Ready-to-Use Notebook to run the RSALOR model:
 - Upload your MSA file
 - Uploae your 3D structure file
 - Run predictions on all single-site mutations

The `rsalor` package combines structural data (Relative Solvent Accessibility, RSA) and evolutionary data (Log Odd Ratio, LOR from MSA) to evaluate effects of missense mutations in proteins.
It computes the `RSA*LOR` score for each single-site missense mutation in a target protein by combining multiple computational steps into a fast and user-friendly tool.
Source code in the [RSALOR GitHub](https://github.com/3BioCompBio/RSALOR).

**Please cite**:
- [Matsvei Tsishyn, Pauline Hermans, Fabrizio Pucci, Marianne Rooman (2025). Residue conservation and solvent accessibility are (almost) all you need for predicting mutational effects in proteins. Bioinformatics, btaf322](https://doi.org/10.1093/bioinformatics/btaf322).

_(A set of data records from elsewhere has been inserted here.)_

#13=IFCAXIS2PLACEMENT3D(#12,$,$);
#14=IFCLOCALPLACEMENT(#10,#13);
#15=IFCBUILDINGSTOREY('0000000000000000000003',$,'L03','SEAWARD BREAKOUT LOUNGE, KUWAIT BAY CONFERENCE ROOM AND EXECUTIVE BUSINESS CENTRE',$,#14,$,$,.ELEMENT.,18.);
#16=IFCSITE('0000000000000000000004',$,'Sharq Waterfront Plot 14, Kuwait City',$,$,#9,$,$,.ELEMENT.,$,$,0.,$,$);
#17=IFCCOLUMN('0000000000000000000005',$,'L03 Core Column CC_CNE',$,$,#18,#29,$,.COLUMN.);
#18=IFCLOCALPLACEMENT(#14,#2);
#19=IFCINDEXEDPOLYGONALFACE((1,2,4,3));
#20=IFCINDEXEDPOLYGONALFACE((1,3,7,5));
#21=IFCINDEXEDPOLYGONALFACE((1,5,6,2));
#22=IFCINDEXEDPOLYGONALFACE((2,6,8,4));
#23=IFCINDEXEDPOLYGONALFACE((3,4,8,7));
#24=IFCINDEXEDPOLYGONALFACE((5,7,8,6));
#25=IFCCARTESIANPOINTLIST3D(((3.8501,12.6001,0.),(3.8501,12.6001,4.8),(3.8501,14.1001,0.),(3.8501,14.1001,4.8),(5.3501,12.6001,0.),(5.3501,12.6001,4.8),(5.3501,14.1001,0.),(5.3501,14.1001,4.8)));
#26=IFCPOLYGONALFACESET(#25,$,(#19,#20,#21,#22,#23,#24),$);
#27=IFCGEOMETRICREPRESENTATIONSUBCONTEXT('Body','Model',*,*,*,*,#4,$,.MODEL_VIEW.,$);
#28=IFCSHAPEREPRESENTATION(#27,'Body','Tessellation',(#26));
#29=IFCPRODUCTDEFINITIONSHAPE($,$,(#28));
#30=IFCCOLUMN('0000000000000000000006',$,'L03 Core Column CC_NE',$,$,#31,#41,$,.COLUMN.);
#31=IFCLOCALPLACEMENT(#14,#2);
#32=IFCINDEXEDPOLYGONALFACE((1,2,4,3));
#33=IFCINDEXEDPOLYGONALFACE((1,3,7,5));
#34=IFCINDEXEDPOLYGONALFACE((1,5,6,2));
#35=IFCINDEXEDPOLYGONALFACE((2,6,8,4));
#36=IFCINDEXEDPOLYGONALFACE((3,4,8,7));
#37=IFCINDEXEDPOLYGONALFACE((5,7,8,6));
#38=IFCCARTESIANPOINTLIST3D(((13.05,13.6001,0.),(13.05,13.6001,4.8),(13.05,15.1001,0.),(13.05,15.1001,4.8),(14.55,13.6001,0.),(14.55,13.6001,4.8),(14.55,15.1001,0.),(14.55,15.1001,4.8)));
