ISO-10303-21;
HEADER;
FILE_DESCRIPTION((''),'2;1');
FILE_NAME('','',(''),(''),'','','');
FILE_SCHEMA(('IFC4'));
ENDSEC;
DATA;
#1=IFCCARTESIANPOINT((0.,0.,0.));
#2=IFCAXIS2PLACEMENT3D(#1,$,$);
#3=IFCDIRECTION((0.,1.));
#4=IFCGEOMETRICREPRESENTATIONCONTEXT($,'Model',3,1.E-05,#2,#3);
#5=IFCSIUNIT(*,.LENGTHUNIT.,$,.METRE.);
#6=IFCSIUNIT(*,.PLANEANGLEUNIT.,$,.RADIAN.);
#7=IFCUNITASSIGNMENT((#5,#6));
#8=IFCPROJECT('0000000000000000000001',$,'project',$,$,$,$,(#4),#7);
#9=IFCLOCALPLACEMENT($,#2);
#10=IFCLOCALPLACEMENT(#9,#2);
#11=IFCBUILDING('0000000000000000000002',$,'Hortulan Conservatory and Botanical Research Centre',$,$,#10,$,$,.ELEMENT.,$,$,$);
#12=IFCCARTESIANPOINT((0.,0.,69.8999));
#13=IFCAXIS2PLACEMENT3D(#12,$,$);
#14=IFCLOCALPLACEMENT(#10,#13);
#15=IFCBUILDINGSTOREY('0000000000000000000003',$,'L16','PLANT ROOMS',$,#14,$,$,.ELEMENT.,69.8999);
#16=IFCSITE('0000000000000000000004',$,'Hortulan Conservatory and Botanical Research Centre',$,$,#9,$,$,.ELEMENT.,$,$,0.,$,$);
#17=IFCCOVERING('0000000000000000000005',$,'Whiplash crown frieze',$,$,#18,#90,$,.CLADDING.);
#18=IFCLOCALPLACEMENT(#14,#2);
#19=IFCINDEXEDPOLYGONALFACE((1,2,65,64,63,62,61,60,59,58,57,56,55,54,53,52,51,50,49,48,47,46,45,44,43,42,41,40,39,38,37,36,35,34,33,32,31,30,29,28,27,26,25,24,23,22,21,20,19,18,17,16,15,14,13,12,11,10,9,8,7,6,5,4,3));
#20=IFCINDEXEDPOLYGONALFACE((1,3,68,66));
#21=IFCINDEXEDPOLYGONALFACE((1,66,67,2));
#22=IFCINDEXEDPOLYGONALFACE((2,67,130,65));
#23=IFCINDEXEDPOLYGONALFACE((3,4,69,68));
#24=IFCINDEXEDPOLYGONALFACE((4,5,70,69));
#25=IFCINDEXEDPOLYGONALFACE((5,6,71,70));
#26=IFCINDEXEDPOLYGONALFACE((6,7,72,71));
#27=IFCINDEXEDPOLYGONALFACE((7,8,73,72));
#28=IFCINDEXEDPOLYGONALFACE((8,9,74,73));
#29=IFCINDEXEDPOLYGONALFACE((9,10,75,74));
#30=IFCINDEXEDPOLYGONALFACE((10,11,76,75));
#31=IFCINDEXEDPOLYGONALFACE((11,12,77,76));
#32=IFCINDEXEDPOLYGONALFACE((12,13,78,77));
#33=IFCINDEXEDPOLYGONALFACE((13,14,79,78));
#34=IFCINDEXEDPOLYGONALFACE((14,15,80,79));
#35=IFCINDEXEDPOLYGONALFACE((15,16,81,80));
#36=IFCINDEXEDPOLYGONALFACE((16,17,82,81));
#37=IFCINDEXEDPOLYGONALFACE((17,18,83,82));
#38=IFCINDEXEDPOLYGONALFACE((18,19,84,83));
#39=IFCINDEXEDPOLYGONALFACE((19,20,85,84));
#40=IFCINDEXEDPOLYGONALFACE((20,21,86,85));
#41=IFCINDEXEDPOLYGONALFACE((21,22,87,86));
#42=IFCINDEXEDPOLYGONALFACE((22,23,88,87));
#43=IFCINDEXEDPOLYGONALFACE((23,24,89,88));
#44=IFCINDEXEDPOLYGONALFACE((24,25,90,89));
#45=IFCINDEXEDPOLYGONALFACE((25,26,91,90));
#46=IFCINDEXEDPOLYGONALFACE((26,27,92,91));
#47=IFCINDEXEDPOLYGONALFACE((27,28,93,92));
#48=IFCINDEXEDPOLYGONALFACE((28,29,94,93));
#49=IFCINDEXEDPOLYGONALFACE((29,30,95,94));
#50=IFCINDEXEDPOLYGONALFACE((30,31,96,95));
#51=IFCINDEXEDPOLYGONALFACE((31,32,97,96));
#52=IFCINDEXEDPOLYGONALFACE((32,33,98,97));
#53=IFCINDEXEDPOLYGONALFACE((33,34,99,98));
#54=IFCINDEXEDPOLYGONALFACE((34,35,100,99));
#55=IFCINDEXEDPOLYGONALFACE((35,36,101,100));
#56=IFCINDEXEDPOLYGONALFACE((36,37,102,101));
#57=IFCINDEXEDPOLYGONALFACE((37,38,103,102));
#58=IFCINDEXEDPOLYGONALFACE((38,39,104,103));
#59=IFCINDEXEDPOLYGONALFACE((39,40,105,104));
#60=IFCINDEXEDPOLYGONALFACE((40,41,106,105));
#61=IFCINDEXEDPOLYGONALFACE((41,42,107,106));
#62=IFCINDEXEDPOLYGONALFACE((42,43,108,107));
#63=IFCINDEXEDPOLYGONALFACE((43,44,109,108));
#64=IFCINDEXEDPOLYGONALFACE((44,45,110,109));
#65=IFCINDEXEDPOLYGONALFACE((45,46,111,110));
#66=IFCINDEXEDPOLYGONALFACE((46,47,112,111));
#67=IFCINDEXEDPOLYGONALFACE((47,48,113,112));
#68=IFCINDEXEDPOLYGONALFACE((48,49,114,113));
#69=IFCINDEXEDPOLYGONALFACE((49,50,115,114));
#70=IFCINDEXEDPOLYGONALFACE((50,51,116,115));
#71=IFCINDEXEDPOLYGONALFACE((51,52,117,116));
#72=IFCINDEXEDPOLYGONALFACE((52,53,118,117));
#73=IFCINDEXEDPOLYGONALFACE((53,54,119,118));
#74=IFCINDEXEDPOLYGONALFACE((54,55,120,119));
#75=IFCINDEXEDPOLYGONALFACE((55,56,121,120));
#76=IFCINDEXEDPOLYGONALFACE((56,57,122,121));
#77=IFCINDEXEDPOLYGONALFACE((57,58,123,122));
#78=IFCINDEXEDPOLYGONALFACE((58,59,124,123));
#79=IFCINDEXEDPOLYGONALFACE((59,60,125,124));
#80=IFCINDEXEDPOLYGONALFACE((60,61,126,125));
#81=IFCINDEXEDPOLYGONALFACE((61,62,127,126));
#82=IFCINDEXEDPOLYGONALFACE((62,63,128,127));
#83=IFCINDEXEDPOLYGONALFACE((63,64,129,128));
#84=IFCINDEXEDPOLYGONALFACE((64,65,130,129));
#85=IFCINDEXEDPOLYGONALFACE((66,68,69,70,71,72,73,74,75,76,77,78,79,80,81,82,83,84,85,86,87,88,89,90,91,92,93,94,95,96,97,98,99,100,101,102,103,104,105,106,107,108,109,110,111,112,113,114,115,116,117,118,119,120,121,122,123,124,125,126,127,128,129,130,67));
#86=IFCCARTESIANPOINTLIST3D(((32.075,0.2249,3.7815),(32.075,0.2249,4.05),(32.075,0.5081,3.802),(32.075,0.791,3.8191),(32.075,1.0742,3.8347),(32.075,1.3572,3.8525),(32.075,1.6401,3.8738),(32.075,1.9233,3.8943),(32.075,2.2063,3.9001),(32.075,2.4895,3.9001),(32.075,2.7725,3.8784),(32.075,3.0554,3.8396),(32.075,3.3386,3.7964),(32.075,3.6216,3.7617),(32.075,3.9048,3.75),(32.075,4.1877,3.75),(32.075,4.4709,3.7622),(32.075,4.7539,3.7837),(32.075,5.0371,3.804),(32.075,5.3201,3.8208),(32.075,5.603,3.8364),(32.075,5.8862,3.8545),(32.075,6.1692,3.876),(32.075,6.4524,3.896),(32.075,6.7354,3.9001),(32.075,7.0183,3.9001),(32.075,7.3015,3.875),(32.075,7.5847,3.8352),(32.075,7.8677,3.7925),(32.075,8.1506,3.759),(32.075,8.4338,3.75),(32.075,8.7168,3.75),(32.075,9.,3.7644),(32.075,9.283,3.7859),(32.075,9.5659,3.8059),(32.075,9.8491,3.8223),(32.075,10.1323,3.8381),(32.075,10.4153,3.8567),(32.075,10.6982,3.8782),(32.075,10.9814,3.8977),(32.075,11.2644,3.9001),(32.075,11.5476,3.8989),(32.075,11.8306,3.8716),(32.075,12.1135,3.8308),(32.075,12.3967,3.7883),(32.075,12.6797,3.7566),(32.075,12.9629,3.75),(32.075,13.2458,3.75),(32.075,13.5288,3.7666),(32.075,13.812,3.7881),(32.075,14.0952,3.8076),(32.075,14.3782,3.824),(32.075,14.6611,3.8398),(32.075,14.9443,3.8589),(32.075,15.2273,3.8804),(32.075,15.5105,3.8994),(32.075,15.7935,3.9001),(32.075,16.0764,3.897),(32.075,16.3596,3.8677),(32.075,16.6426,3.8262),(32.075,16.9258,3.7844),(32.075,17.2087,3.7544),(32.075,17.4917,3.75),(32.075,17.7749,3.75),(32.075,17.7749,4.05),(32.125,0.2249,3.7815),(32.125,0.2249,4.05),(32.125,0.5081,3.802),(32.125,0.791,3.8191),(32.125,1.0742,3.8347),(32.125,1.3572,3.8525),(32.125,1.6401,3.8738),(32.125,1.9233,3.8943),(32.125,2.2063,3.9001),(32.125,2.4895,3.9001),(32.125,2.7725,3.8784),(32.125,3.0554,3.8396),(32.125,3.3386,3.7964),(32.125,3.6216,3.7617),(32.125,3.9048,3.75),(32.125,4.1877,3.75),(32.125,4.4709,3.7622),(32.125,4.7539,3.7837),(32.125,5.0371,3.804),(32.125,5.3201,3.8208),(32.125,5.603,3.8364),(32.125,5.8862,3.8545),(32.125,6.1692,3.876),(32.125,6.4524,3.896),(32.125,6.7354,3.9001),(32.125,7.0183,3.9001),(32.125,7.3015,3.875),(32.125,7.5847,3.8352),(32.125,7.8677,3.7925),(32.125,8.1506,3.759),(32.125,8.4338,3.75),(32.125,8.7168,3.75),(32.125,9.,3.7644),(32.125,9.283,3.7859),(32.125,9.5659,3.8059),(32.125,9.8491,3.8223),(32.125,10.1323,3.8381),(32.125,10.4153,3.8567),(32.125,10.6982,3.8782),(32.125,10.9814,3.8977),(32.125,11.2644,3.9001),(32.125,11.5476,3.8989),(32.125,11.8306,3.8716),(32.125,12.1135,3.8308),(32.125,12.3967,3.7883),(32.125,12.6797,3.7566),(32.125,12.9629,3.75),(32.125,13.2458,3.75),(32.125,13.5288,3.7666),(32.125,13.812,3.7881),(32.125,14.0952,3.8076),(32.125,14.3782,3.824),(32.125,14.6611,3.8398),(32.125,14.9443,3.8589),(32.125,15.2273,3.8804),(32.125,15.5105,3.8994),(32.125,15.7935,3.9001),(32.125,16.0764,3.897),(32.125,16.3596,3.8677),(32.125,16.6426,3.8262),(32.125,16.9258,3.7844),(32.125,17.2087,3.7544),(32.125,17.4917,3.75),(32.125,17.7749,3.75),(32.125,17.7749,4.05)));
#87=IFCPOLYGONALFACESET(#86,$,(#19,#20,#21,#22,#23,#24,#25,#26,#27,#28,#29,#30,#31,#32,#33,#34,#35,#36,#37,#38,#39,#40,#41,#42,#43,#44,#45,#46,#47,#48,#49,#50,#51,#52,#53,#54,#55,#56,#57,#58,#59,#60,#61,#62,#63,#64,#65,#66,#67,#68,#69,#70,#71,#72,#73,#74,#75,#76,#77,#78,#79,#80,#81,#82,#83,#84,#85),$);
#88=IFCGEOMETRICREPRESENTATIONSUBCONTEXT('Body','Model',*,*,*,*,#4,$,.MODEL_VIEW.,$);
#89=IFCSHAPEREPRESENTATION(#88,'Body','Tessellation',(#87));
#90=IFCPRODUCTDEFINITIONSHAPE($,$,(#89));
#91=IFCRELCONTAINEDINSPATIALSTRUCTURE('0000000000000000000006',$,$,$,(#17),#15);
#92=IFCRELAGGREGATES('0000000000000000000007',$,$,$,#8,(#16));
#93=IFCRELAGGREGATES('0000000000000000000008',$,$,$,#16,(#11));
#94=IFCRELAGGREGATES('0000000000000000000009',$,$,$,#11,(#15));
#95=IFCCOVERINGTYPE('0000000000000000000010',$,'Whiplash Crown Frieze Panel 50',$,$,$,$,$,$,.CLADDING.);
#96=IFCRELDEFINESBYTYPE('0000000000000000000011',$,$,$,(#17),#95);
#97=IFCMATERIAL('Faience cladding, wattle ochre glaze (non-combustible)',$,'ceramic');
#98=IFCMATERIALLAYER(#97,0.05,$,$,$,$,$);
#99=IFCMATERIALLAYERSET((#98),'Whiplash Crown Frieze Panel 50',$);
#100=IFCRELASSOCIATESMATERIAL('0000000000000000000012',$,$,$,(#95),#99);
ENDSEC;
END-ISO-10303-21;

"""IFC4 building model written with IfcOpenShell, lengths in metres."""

from ifc_helpers import new_model, si_unit, direction, frame, origin, place, context, subcontext, project, spatial, polyline, outline, extrude, material, layer, layer_set, type_object, element, save


model = new_model("IFC4")

# Units and contexts
model_context = context("Model", 3, precision=1e-05, world=origin(), true_north=direction((0.0, 1.0)))
body_context = subcontext(model_context, "Body", "Model", "MODEL_VIEW")
ifc_project = project(units=[si_unit("LENGTHUNIT", "METRE"), si_unit("PLANEANGLEUNIT", "RADIAN")], contexts=[model_context])

# Site, building, storey
site_placement = place(None, origin())
site = spatial("IfcSite", under=ifc_project, at=site_placement, Name="Hortulan Conservatory and Botanical Research Centre", CompositionType="ELEMENT", RefElevation=0.0)
building_placement = place(site_placement, origin())
building = spatial("IfcBuilding", under=site, at=building_placement, Name="Hortulan Conservatory and Botanical Research Centre", CompositionType="ELEMENT")
storey_placement = place(building_placement, frame((0.0, 0.0, 69.8999)))
storey = spatial("IfcBuildingStorey", under=building, at=storey_placement, Name="L16", Description="PLANT ROOMS", CompositionType="ELEMENT", Elevation=69.8999)

# Covering
ifc_material_1 = material(Name="Faience cladding, wattle ochre glaze (non-combustible)", Category="ceramic")
ifc_layer_1 = layer(ifc_material_1, 0.05)
ifc_layer_set_1 = layer_set([ifc_layer_1], Name="Whiplash Crown Frieze Panel 50")
covering_type = type_object("IfcCoveringType", Name="Whiplash Crown Frieze Panel 50", PredefinedType="CLADDING", material=ifc_layer_set_1)
covering_placement = place(storey_placement, frame((32.1001, 17.7749, 3.75), z_axis=(0.0, 0.0, 1.0), x_axis=(0.0, -1.0, 0.0)))
element("IfcCovering", 1, at=covering_placement, inside=storey, type_object=covering_type, Name="Whiplash crown frieze", PredefinedType="CLADDING", context=body_context, shape_type="SweptSolid", body=[
    extrude(outline(polyline([(0.0, 0.0), (0.2832, 0.0), (0.5662, 0.0044), (0.8491, 0.0344), (1.1323, 0.0762), (1.4153, 0.1177), (1.6985, 0.147), (1.9814, 0.1501), (2.2644, 0.1494), (2.5476, 0.1304), (2.8306, 0.1089), (3.1138, 0.0898), (3.3967, 0.074), (3.6797, 0.0576), (3.9629, 0.0381), (4.2461, 0.0166), (4.5291, 0.0), (4.812, 0.0), (5.0952, 0.0066), (5.3782, 0.0383), (5.6614, 0.0808), (5.9443, 0.1216), (6.2273, 0.1489), (6.5105, 0.1501), (6.7935, 0.1477), (7.0767, 0.1282), (7.3596, 0.1067), (7.6426, 0.0881), (7.9258, 0.0723), (8.209, 0.0559), (8.4919, 0.0359), (8.7749, 0.0144), (9.0581, 0.0), (9.3411, 0.0), (9.6243, 0.009), (9.9072, 0.0425), (10.1902, 0.0852), (10.4734, 0.125), (10.7566, 0.1501), (11.0396, 0.1501), (11.3225, 0.146), (11.6057, 0.126), (11.8887, 0.1045), (12.1719, 0.0864), (12.4548, 0.0708), (12.7378, 0.054), (13.021, 0.0337), (13.304, 0.0122), (13.5872, 0.0), (13.8701, 0.0), (14.1533, 0.0117), (14.4363, 0.0464), (14.7195, 0.0896), (15.0024, 0.1284), (15.2854, 0.1501), (15.5686, 0.1501), (15.8516, 0.1443), (16.1348, 0.1238), (16.4177, 0.1025), (16.7007, 0.0847), (16.9839, 0.0691), (17.2668, 0.052), (17.55, 0.0315), (17.55, 0.3), (0.0, 0.3), (0.0, 0.0)])), frame((0.0, 0.0249, 0.0), z_axis=(0.0, -1.0, 0.0), x_axis=(1.0, 0.0, 0.0)), (0.0, 0.0, 1.0), 0.05),
])

save(model, "model.ifc")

- [Pauline Hermans, Matsvei Tsishyn, Martin Schwersensky, Marianne Rooman, Fabrizio Pucci (2024). Exploring evolution to uncover insights into protein mutational stability. Molecular Biology and Evolution, 42(1), msae267](https://doi.org/10.1093/molbev/msae267).


In [None]:
#@title Install and import dependencies

# Install packages -------------------------------------------------------------
!pip install rsalor


# Import packages --------------------------------------------------------------
import os
import requests
from google.colab import files
from Bio.PDB import PDBParser, PPBuilder, PDBList
from rsalor import MSA
from rsalor.sequence import Sequence, FastaReader, PairwiseAlignment
from rsalor.structure import Structure


# Dependencies (small helper functions) ----------------------------------------

# Log functions
def clip_string(input_str: str, max_len: int=100) -> str:
  """Truncate a string and append '...' if it exceeds max_len."""
  return input_str if len(input_str) <= max_len else input_str[:max_len] + "..."

# Fetch functions
def is_valid_pdb_id(pdb_id :str) -> bool:
  """Returns if 'input' can be a PDB-ID."""
  POSSIBLE_FIRST_CHARACTERS = "123456789"
  POSSIBLE_FOLLOWING_CHARACTERS = "0123456789ABCDEFGHIJKLMNOPQRSTUVWXYZ"
  input_upper = pdb_id.upper()
  return len(input_upper) == 4 \
    and input_upper[0] in POSSIBLE_FIRST_CHARACTERS \
    and all([char in POSSIBLE_FOLLOWING_CHARACTERS for char in input_upper[1:]])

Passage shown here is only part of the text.